Emotion and Development Branch, National Institute of Mental Health, National Institutes of Health, Bethesda, Maryland.
Emotion and Development Branch, National Institute of Mental Health, National Institutes of Health, Bethesda, Maryland.
Biol Psychiatry. 2021 Mar 15;89(6):579-587. doi: 10.1016/j.biopsych.2020.10.018. Epub 2020 Nov 9.
Imaging research has not yet delivered reliable psychiatric biomarkers. One challenge, particularly among youth, is high comorbidity. This challenge might be met through canonical correlation analysis designed to model mutual dependencies between symptom dimensions and neural measures. We mapped the multivariate associations that intrinsic functional connectivity manifests with pediatric symptoms of anxiety, irritability, and attention-deficit/hyperactivity disorder (ADHD) as common, impactful, co-occurring problems. We evaluate the replicability of such latent dimensions in an independent sample.

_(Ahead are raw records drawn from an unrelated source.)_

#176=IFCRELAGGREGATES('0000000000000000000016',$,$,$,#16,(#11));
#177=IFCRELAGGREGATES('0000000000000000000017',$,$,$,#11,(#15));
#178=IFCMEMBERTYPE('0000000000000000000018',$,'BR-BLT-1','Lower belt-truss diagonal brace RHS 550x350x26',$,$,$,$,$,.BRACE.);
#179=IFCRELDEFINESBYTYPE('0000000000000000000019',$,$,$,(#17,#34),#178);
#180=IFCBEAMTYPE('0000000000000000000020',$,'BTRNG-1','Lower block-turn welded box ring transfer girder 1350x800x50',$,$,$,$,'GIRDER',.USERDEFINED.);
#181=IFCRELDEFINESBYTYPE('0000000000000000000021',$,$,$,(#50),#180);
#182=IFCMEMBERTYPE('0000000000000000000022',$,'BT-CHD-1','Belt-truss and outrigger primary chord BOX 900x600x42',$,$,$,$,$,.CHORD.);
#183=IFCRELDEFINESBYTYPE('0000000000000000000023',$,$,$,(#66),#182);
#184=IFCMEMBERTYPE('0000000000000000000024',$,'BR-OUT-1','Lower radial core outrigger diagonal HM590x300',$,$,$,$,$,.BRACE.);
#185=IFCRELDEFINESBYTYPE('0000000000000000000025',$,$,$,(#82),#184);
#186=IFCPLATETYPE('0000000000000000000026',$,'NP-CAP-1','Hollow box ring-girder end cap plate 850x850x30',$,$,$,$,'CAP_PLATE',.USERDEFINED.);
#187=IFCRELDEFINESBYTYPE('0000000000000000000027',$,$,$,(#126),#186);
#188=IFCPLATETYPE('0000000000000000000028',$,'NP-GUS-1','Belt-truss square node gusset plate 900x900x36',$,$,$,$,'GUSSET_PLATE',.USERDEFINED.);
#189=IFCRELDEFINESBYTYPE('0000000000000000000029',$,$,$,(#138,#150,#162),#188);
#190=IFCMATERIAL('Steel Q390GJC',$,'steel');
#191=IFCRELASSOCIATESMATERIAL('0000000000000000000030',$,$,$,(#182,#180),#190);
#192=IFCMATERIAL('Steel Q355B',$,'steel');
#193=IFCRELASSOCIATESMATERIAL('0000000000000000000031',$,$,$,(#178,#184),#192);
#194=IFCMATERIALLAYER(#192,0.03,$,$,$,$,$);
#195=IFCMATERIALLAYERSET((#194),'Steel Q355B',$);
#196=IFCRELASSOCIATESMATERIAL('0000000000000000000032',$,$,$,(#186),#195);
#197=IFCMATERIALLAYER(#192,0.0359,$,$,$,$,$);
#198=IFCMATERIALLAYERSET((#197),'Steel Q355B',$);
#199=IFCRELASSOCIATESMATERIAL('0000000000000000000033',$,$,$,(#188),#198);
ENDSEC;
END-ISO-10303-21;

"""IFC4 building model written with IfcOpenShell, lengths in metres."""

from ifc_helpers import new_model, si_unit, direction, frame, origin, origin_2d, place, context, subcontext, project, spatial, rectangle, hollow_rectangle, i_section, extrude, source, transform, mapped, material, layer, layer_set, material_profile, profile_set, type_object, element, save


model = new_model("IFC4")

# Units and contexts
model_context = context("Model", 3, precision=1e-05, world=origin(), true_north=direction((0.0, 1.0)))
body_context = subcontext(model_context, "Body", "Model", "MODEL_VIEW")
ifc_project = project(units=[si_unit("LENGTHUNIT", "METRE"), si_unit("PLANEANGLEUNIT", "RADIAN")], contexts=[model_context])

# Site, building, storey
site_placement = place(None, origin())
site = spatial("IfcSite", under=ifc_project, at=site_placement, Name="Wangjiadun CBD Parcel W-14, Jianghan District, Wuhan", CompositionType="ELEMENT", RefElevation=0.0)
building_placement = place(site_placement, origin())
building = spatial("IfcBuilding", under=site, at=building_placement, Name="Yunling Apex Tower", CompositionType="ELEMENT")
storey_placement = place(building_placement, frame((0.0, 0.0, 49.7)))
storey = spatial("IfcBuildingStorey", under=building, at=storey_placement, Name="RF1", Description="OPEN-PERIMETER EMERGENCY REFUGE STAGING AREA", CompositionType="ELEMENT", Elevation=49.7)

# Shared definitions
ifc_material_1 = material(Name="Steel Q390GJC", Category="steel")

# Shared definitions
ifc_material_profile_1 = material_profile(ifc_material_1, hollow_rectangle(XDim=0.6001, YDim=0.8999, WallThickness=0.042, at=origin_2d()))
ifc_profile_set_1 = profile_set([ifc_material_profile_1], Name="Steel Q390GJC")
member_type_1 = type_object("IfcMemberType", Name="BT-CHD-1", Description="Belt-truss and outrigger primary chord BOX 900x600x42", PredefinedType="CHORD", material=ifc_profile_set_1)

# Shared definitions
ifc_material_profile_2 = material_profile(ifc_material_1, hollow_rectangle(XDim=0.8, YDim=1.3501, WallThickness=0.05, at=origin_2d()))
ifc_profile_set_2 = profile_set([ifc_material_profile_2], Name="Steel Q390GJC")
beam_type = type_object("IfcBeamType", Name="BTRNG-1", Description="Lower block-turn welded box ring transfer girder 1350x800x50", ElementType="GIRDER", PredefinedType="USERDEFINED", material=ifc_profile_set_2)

We obtained ratings of anxiety, irritability, and ADHD, and 10 minutes of resting-state functional magnetic resonance imaging data, from two independent cohorts. Both cohorts (discovery: n = 182; replication: n = 326) included treatment-seeking youth with anxiety disorders, with disruptive mood dysregulation disorder, with ADHD, or without psychopathology. Functional connectivity was modeled as partial correlations among 216 brain areas. Using canonical correlation analysis and independent component analysis jointly we sought maximally correlated, maximally interpretable latent dimensions of brain connectivity and clinical symptoms.
We identified seven canonical variates in the discovery and five in the replication cohort. Of these canonical variates, three exhibited similarities across datasets: two variates consistently captured shared aspects of irritability, ADHD, and anxiety, while the third was specific to anxiety. Across cohorts, canonical variates did not relate to specific resting-state networks but comprised edges interconnecting established networks within and across both hemispheres.
Findings revealed two replicable types of clinical variates, one related to multiple symptom dimensions and a second relatively specific to anxiety. Both types involved a multitude of broadly distributed, weak brain connections as opposed to strong connections encompassing known resting-state networks.
影像学研究尚未提供可靠的精神科生物标志物。其中一个挑战,尤其是在年轻人中,是高共病率。通过设计典型相关分析来模拟症状维度和神经测量之间的相互依赖性,可能会解决这一挑战。我们绘制了内在功能连接与儿科焦虑、易激惹和注意力缺陷/多动障碍(ADHD)症状的多变量关联图,这些症状是常见的、有影响的、同时发生的问题。我们在一个独立的样本中评估了这些潜在维度的可重复性。
我们从两个独立的队列中获得了焦虑、易激惹和 ADHD 的评分,以及 10 分钟的静息状态功能磁共振成像数据。两个队列(发现:n=182;复制:n=326)均包括有焦虑障碍、破坏性情绪失调障碍、ADHD 的治疗寻求青少年,以及无精神病理学的青少年。功能连接被建模为 216 个大脑区域之间的偏相关。我们联合使用典型相关分析和独立成分分析,寻求大脑连接和临床症状的最大相关、最可解释的潜在维度。
我们在发现队列中识别了七个典型变量,在复制队列中识别了五个。在这些典型变量中,有三个在两个数据集之间具有相似性:两个变量一致地捕捉到了易激惹、ADHD 和焦虑的共同方面,而第三个变量则是专门针对焦虑的。在两个队列中,典型变量与特定的静息状态网络无关,但包括了在两个半球内和跨半球连接的已建立网络的边缘。
研究结果揭示了两种可复制的临床变量类型,一种与多个症状维度有关,另一种与焦虑相对特异。这两种类型都涉及到大量广泛分布的、微弱的大脑连接,而不是包含已知静息状态网络的强连接。